# Feather Plucking



## Nayrose (Jul 17, 2012)

Hi I have a family of cockatiels, right now we have the mum the dad, a daughter and a son (there is another one but she isnt related) Anyways, when the mother and father were looking after them as babies the father plucked them as babies, we put him in another cage and he started plucking himself (it was too small but we had no choice). That was a few years ago and now he is still plucking himself a little bit but not the babies because obviousy they are older now. Anyway we have just put a nest box in there hoping the son and the bird thats not related would breed but knowing that the mum and dad probably would try and they did so what i am worried about is him plucking the babies if they have them now. Does anyone have any tips? should i take them out and hand rear them? I have no experience in that and so it is not ideal, i can learn though i have a best friend who is a bird breeder i could learn from. Or should i give them a chance also a few questions if i do have to take them out: When (like how many weeks old) should i take them out and start hand feeding them and how often would i have to feed them?? Sorry its so long but thanks and advice would be really good


----------



## MeanneyFids (Aug 24, 2010)

plucking is normal with parents, if its minimal plucking then its fine...
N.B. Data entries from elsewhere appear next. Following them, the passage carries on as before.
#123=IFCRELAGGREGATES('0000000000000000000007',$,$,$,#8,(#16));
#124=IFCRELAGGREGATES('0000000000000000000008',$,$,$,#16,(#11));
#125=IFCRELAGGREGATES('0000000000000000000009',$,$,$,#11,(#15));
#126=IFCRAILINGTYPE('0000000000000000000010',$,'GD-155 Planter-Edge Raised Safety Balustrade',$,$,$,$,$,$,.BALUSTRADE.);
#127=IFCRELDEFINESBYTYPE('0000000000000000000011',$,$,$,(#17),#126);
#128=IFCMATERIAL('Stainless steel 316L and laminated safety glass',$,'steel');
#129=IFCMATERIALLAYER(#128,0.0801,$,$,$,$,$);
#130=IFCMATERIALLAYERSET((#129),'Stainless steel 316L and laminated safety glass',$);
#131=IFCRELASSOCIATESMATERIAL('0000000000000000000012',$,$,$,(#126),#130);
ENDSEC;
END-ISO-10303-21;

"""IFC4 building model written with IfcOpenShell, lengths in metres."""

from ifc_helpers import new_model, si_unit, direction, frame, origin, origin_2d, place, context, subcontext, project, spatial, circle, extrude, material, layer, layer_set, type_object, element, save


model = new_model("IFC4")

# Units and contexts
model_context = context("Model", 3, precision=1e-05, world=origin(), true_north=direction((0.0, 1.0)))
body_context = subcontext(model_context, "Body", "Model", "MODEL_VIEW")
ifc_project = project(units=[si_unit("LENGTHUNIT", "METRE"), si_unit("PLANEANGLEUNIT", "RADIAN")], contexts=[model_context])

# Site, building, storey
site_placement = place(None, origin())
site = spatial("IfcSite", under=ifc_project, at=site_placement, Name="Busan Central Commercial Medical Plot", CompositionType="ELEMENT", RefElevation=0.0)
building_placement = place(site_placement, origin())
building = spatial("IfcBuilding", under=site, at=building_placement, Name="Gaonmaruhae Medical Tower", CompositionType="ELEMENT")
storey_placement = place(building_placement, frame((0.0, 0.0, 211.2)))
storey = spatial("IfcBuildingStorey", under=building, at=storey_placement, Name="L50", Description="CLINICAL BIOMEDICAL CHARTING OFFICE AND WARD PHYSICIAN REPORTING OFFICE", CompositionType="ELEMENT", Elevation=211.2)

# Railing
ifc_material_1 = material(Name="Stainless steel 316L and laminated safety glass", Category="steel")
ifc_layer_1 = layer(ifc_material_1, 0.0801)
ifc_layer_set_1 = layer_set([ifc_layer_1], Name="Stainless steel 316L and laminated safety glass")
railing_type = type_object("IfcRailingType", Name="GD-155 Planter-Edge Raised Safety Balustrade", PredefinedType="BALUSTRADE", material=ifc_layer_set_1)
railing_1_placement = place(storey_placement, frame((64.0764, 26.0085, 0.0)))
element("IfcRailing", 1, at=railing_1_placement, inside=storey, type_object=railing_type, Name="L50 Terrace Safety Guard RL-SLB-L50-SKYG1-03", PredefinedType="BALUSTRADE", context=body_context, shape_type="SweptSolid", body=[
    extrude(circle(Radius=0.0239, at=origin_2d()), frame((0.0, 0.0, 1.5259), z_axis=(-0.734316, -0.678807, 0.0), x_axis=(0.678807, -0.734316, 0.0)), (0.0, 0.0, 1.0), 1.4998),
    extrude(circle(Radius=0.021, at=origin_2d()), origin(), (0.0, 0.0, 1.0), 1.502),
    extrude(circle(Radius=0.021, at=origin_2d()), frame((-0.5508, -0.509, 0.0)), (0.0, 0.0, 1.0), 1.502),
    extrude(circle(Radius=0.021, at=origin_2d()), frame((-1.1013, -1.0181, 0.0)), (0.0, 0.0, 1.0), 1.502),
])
what is their diet like? sometimes some parents pluck if they have a deficiency


----------



## Nayrose (Jul 17, 2012)

Okay thank-you there diet isn't great actually they dont eat pellets (Do you have any tips on getting them on to them?) i wish they did but I was alot less experienced when we first got them so they were not brought up on them (hopefuly i can bring any babies up on them) They dont really have that much fruits and veges but im working on giving them more. Is there anything else i should be giving them or anything that they should have while breeding? (we gave them egg and biscuit when they were last breeding). Oh and I dont remember much of the pucking this was about 3 years ago i have a few photos were the feathers are gone off there head and back but there are pin feathers, i really dont remember how bad it was I will ask my family if they remember though. Thanks!


----------



## MeanneyFids (Aug 24, 2010)

a good diet in small birds like cockatiels is seeds, pellets, and vegetables (leave out the fruit, tiels dont eat it) but pellets should only be up to 20% of the diet. 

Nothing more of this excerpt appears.